TITLE: "Automated Visualization (both static and dynamic) of Subcellular Environments: Step One"

SPEAKER: Graham T. Johnson ,

Molecular Graphics Lab, The Scripps Institute

TIME: Thursday Apr. 26, 2007 at 4:00 PM

PLACE: George P. Williams, Jr. Lecture Hall, (Olin 101)


Refreshments will be served at 3:30 PM in the lounge. All interested persons are cordially invited to attend.

ABSTRACT

How might a Golgi apparatus relate to Artificial Intelligence, Hollywood, Vesalius and Newton? Can rigid body dynamics couple with simple distribution functions to help us flesh out unexplored voids that hide between microscopic resolutions and crystallographic scales?

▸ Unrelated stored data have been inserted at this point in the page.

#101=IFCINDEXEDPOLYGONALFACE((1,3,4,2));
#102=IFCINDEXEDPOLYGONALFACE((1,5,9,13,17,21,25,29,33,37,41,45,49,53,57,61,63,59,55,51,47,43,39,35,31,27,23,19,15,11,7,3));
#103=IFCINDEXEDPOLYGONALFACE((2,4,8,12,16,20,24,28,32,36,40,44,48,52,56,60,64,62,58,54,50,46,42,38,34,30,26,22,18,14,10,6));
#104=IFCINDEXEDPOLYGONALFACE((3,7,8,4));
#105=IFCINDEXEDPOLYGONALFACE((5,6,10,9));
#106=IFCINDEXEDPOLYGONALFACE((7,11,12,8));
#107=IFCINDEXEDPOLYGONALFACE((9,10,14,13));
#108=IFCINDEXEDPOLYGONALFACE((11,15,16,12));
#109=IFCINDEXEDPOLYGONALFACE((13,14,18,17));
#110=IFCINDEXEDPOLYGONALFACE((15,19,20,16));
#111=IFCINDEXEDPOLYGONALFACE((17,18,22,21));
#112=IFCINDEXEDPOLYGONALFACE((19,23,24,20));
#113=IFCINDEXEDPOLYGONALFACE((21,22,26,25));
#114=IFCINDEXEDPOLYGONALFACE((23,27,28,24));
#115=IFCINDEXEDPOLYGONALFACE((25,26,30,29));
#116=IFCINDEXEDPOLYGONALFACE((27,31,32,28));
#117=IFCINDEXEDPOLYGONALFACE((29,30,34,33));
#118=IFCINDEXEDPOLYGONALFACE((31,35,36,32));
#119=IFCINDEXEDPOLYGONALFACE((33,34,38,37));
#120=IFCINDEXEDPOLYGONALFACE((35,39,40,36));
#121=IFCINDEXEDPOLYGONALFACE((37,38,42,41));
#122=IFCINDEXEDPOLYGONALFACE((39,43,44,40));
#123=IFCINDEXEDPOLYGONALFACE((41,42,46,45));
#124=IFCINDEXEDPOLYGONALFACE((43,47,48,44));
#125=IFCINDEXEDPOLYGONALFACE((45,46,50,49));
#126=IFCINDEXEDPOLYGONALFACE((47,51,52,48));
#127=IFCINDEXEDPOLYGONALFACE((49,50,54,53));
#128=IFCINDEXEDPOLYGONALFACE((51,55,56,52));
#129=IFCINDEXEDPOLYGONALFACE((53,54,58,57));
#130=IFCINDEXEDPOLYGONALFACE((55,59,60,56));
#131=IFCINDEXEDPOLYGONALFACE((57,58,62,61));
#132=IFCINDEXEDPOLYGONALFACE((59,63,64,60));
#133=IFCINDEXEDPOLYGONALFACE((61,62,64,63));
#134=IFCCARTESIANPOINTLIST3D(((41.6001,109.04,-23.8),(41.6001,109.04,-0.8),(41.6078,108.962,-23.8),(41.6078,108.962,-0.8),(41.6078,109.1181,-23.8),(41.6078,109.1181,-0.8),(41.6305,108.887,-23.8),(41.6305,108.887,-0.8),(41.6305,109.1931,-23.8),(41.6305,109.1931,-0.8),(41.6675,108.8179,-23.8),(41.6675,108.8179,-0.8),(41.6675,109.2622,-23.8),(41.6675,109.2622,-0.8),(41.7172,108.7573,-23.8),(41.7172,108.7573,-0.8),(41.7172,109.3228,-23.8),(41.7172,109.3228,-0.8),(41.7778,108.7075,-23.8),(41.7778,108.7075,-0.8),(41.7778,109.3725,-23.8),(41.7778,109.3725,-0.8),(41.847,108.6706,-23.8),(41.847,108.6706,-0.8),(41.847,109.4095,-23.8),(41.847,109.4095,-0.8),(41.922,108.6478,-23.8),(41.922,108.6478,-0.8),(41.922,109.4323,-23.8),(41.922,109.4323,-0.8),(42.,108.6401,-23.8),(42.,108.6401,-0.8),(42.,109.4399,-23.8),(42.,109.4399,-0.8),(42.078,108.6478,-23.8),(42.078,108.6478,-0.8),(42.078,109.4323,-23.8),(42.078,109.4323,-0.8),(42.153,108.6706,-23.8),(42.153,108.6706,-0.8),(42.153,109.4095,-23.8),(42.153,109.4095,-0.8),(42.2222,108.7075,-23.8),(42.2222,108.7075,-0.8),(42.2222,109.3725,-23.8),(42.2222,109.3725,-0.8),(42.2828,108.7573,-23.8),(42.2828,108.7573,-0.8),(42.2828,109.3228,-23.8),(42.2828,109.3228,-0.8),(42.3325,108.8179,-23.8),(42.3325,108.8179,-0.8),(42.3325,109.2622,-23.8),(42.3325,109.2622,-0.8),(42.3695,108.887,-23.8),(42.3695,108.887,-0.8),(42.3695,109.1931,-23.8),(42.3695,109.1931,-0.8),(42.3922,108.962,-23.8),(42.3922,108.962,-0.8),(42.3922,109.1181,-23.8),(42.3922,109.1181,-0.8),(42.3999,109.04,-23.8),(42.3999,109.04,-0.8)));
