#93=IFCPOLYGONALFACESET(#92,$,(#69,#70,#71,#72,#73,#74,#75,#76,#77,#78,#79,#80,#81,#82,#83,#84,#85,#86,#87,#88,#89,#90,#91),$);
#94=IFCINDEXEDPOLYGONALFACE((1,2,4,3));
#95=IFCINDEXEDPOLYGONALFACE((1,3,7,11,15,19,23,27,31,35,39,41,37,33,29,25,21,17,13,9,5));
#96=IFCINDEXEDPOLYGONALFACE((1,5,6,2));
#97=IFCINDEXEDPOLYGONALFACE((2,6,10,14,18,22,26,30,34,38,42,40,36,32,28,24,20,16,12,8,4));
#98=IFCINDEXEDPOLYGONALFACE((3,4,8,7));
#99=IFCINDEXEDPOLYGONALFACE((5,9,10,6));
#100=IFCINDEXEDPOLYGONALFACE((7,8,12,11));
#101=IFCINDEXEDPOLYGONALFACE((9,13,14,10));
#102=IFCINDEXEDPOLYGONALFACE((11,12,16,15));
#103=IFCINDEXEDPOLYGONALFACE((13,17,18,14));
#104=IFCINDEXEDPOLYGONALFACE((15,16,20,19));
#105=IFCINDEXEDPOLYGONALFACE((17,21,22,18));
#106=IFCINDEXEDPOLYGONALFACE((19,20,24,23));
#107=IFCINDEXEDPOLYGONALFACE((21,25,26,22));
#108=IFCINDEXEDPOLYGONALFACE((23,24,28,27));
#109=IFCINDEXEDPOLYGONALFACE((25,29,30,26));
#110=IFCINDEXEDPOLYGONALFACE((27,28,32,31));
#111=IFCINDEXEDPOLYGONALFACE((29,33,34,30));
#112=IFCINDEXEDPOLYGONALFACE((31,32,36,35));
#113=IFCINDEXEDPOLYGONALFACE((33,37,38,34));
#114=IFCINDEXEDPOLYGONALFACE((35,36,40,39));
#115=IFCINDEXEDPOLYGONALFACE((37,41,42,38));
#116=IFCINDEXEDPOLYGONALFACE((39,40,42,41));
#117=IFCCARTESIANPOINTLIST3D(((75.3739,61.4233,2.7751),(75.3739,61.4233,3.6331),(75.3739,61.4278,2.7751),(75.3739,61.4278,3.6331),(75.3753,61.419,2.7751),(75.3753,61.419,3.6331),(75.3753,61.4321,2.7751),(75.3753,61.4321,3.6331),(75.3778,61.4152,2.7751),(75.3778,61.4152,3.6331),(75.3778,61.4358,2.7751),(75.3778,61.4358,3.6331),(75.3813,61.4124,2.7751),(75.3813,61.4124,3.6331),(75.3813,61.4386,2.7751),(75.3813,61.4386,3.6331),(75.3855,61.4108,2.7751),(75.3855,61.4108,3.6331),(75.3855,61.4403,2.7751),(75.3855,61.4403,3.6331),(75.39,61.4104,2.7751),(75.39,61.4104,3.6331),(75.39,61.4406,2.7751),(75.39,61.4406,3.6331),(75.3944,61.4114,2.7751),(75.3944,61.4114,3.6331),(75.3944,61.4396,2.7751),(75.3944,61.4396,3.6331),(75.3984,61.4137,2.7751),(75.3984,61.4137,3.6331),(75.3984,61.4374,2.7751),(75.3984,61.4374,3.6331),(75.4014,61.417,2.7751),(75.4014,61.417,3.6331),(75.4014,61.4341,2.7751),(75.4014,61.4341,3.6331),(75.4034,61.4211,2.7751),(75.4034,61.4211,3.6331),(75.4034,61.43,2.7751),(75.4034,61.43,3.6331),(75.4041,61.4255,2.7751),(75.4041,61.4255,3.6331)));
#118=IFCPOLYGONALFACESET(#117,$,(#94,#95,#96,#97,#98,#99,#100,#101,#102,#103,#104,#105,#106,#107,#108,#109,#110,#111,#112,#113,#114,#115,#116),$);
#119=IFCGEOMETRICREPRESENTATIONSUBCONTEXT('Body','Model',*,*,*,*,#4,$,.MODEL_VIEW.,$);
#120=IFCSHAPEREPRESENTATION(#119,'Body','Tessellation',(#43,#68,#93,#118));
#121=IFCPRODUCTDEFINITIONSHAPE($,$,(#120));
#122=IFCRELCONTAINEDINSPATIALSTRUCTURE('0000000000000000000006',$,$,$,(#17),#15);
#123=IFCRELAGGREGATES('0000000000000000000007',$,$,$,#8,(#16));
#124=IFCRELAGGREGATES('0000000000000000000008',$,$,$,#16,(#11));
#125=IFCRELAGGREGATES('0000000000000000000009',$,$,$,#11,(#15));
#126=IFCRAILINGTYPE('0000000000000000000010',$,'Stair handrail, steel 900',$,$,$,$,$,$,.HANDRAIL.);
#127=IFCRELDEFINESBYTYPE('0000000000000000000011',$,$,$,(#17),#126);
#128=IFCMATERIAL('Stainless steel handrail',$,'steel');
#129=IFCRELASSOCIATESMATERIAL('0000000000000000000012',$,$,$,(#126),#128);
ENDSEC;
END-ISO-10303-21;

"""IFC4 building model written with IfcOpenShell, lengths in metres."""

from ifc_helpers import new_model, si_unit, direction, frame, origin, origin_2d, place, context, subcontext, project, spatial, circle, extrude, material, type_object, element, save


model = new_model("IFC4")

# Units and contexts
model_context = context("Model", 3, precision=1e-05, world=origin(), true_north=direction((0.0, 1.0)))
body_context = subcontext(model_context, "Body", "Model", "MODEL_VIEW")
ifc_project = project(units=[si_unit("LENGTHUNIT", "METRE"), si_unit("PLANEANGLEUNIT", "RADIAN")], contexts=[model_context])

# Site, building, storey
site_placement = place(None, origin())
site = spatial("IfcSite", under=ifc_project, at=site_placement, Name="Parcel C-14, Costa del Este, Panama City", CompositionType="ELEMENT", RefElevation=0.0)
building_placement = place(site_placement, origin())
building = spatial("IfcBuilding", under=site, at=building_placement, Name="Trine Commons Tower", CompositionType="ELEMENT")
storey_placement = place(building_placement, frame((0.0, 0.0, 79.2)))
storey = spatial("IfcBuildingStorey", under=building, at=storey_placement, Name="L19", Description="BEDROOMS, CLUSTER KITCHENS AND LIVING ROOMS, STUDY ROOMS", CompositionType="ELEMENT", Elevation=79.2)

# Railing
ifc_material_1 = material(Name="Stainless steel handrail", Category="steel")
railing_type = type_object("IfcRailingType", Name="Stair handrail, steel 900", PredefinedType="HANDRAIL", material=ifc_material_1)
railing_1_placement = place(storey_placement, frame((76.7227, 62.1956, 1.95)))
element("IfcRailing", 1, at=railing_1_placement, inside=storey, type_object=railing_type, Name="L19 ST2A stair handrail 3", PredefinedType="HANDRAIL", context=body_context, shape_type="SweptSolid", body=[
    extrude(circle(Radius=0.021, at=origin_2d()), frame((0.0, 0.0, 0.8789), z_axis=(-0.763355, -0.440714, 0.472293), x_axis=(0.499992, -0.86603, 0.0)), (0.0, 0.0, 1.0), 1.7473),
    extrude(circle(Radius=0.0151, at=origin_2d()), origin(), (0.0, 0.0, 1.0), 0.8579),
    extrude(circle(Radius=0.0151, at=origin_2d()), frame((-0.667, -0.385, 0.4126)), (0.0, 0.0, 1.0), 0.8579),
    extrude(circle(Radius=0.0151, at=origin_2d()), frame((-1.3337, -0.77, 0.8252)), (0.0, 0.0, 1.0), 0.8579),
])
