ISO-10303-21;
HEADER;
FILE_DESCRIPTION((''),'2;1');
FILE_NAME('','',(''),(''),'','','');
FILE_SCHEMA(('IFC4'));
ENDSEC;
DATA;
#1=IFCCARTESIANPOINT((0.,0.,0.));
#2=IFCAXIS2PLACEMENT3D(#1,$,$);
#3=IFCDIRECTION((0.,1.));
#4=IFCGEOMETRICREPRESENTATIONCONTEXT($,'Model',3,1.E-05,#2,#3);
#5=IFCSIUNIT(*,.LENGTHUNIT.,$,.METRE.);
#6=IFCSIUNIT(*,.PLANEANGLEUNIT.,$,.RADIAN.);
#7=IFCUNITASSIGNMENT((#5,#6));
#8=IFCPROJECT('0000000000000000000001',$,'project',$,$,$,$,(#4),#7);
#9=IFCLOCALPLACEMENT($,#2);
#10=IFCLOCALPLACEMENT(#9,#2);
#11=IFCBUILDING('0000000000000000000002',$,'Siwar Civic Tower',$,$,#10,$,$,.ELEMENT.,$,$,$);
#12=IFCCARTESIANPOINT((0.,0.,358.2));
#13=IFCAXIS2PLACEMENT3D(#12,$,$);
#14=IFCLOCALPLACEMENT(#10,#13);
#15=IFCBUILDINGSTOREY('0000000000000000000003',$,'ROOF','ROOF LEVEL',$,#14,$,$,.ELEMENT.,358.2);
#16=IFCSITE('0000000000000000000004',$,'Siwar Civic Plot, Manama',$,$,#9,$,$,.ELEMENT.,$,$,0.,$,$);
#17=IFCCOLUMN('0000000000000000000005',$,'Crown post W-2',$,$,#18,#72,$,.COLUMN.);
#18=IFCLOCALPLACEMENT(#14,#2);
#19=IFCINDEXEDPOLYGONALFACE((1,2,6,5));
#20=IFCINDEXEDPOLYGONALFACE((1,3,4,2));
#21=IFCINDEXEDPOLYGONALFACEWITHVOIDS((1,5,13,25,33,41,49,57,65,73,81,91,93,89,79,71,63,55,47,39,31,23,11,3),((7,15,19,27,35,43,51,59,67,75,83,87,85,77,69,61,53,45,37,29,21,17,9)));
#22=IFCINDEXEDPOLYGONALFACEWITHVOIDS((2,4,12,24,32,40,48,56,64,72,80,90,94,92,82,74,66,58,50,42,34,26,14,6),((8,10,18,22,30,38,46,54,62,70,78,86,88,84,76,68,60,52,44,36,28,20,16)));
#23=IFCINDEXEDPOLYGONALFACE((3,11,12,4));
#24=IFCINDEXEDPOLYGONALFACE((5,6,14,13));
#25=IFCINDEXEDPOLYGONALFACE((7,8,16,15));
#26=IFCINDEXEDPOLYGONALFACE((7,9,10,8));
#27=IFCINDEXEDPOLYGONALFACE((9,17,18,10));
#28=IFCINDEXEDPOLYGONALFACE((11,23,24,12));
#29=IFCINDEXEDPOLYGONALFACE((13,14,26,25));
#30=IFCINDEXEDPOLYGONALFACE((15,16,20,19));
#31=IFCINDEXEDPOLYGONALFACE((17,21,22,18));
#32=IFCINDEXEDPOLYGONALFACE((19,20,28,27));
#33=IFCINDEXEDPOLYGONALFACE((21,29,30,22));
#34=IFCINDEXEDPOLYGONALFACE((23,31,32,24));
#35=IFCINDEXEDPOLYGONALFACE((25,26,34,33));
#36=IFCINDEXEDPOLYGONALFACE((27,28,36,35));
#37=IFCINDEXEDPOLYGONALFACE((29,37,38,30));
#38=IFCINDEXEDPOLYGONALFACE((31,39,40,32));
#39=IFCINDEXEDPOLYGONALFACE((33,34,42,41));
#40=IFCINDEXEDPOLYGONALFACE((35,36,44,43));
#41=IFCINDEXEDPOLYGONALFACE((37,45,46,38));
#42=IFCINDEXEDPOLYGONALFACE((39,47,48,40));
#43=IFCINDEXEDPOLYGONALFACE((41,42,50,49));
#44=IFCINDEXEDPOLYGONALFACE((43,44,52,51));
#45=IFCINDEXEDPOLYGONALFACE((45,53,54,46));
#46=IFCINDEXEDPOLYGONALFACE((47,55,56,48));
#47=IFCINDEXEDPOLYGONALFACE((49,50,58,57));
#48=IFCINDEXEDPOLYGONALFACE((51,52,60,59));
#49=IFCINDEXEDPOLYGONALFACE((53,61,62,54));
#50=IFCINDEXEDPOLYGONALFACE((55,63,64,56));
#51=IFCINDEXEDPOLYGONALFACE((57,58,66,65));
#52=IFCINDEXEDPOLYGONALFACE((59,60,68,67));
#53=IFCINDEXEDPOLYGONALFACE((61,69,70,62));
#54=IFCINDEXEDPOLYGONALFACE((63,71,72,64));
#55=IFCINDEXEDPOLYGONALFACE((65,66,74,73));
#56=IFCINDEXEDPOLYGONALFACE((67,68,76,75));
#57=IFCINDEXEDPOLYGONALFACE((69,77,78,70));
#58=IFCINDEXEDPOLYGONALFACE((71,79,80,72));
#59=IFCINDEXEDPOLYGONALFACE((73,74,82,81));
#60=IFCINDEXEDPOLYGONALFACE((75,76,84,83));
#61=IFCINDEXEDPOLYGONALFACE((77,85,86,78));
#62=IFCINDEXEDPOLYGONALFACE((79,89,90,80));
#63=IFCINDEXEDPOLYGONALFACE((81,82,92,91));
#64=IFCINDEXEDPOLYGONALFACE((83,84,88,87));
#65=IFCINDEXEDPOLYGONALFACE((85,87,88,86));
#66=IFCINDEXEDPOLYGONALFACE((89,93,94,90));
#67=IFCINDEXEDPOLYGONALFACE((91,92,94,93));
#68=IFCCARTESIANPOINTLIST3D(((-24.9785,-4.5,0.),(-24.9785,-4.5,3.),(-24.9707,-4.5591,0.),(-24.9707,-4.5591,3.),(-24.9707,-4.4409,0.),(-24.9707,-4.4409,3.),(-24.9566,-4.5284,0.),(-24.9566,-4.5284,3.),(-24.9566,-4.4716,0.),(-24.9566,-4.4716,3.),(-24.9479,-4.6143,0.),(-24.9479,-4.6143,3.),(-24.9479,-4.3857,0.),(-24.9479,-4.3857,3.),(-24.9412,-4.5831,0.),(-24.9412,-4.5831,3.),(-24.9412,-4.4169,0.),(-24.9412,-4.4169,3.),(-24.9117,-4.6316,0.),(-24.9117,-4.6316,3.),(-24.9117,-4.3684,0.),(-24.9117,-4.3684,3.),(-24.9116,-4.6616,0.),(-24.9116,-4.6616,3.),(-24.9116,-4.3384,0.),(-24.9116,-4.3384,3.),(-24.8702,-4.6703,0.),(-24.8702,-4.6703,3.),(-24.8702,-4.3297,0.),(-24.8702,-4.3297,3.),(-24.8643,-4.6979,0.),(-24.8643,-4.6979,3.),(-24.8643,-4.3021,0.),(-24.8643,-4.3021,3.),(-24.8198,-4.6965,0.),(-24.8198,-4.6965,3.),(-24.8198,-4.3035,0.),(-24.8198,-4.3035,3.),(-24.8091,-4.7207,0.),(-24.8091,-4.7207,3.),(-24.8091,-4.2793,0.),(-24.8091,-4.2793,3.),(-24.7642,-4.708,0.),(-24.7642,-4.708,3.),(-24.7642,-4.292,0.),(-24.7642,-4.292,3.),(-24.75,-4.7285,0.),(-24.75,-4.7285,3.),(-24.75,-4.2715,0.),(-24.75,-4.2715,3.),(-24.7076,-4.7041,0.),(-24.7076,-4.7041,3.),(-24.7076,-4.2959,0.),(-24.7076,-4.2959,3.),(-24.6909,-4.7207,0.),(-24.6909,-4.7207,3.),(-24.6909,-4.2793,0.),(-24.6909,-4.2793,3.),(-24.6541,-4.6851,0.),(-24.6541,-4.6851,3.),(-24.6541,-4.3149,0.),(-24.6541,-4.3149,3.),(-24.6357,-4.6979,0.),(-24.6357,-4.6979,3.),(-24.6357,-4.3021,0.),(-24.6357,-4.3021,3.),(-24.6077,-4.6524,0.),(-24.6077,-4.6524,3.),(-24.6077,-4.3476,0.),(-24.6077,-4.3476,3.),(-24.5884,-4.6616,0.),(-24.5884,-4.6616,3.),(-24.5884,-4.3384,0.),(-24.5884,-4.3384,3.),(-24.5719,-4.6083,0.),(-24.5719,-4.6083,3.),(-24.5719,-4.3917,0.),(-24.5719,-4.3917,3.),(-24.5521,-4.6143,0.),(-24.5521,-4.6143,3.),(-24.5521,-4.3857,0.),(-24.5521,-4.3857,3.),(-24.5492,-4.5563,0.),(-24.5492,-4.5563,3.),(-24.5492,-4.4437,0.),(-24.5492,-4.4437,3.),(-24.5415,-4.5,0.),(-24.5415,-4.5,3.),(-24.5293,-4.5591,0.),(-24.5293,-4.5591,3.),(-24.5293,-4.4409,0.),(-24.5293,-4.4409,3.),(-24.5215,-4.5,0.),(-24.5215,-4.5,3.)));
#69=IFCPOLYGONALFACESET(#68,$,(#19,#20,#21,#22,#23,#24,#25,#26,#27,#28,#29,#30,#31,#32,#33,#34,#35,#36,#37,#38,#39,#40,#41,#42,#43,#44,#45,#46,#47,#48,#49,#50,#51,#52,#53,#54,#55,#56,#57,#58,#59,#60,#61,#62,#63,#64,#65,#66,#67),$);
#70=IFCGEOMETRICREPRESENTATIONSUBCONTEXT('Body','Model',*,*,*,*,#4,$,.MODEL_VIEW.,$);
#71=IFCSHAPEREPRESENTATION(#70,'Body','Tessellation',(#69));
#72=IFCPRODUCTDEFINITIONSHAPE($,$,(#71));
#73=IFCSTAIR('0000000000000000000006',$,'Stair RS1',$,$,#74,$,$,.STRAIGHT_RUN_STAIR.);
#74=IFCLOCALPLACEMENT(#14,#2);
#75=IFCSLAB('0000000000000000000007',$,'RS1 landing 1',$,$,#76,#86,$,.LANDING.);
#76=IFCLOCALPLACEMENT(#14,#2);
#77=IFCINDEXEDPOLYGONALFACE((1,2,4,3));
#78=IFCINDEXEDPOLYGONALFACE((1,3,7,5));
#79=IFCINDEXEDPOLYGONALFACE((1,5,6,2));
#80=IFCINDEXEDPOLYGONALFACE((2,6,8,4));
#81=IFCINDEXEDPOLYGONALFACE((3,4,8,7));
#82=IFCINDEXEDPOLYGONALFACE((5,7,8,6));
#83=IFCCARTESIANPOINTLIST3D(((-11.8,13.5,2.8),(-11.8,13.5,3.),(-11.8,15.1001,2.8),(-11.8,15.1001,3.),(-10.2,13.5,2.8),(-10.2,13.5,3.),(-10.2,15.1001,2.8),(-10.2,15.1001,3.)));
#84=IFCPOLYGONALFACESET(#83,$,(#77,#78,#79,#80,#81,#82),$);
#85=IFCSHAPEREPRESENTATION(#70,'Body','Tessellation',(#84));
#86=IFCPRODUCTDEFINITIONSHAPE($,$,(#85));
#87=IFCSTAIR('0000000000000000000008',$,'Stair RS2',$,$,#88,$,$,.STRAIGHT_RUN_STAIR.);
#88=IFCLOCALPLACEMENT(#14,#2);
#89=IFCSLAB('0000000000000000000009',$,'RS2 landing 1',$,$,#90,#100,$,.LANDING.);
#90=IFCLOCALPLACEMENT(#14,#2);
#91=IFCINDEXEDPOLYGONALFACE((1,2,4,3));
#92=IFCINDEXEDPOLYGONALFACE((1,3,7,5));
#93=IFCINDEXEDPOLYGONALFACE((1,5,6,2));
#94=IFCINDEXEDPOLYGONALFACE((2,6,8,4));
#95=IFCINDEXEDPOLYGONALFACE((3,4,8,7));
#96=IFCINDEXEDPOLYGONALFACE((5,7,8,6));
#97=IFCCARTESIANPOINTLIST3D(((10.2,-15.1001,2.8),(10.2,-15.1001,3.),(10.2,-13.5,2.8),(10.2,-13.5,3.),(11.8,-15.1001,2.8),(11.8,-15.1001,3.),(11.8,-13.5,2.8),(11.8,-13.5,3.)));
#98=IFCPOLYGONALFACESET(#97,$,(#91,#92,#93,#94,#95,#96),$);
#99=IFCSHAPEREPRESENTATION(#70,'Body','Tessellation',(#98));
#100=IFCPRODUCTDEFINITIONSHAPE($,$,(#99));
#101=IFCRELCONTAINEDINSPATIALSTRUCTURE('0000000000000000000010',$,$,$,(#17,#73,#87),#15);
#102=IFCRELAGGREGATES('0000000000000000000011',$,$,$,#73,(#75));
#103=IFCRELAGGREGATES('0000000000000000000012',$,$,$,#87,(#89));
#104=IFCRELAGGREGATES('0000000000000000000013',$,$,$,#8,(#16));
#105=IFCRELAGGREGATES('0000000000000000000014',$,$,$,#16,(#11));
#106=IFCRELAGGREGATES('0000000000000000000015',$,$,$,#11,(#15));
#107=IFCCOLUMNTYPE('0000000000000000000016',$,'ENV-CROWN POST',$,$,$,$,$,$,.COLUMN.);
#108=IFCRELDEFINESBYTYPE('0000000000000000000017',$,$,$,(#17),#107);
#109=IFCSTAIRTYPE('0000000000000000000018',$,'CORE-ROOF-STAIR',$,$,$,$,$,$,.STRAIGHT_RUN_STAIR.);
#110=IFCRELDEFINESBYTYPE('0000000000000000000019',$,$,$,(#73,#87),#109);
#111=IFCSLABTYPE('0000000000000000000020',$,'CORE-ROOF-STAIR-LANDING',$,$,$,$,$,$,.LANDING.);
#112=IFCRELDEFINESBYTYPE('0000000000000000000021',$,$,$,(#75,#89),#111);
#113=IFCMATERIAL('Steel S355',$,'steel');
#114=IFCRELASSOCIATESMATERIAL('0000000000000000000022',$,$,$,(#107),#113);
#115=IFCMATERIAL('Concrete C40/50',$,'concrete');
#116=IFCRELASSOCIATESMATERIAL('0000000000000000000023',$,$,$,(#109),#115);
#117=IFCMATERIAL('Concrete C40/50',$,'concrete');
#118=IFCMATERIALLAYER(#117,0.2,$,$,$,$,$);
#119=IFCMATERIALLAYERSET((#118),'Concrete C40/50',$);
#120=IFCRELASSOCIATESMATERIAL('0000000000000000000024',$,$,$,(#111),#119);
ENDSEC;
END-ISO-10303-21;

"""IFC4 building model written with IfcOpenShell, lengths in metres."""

from ifc_helpers import new_model, si_unit, direction, frame, origin, origin_2d, place, context, subcontext, project, spatial, polyline, hollow_circle, outline, extrude, material, layer, layer_set, material_profile, profile_set, type_object, element, aggregate, save


model = new_model("IFC4")

# Units and contexts
model_context = context("Model", 3, precision=1e-05, world=origin(), true_north=direction((0.0, 1.0)))
body_context = subcontext(model_context, "Body", "Model", "MODEL_VIEW")
ifc_project = project(units=[si_unit("LENGTHUNIT", "METRE"), si_unit("PLANEANGLEUNIT", "RADIAN")], contexts=[model_context])

# Site, building, storey
site_placement = place(None, origin())
site = spatial("IfcSite", under=ifc_project, at=site_placement, Name="Siwar Civic Plot, Manama", CompositionType="ELEMENT", RefElevation=0.0)
building_placement = place(site_placement, origin())
building = spatial("IfcBuilding", under=site, at=building_placement, Name="Siwar Civic Tower", CompositionType="ELEMENT")
storey_placement = place(building_placement, frame((0.0, 0.0, 358.2)))
storey = spatial("IfcBuildingStorey", under=building, at=storey_placement, Name="ROOF", Description="ROOF LEVEL", CompositionType="ELEMENT", Elevation=358.2)

# Column
ifc_material_1 = material(Name="Steel S355", Category="steel")
ifc_material_profile = material_profile(ifc_material_1, hollow_circle(Radius=0.2285, WallThickness=0.02, at=origin_2d()), Name="CHS457x20")
ifc_profile_set = profile_set([ifc_material_profile], Name="Steel S355")
column_type = type_object("IfcColumnType", Name="ENV-CROWN POST", PredefinedType="COLUMN", material=ifc_profile_set)
column_placement = place(storey_placement, frame((-24.75, -4.5, 0.0), z_axis=(0.0, 0.0, 1.0), x_axis=(1.0, 0.0, 0.0)))
element("IfcColumn", 1, at=column_placement, inside=storey, type_object=column_type, Name="Crown post W-2", PredefinedType="COLUMN", context=body_context, shape_type="SweptSolid", body=[
    extrude(hollow_circle(Radius=0.2285, WallThickness=0.02, at=origin_2d()), origin(), (0.0, 0.0, 1.0), 3.0),
])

We plan to use commercial software to automate the 3D modeling and ultimately the animated simulation of sample molecular realms using collections of varied data (protein database files, EM averaged maps, tomography maps, local protein concentrations, conformation ratios, etc.) The software plug-ins we develop can export these models into more universal file formats, allowing clients to create visualizations in the form of static images, animations, plastic models, and interactive viewers for use in data analysis, peer communication, education, and outreach.

We will utilize techniques of illustration to suppress visual noise, clarify time dilation and thus summarize an event while quietly presenting/retaining the hurricane of underlying interactions. Movies can thus be created from the modules to make the process pedagogically useful in classroom. Simultaneously, underlying data will be retained in a quantifiably accessible manner for use in the virtual lab.

Example (Watercolor illustration by David Goodsell with 3D rendered inset by Arthur Olson, Molecular Graphics Lab, The Scripps Research Institute.)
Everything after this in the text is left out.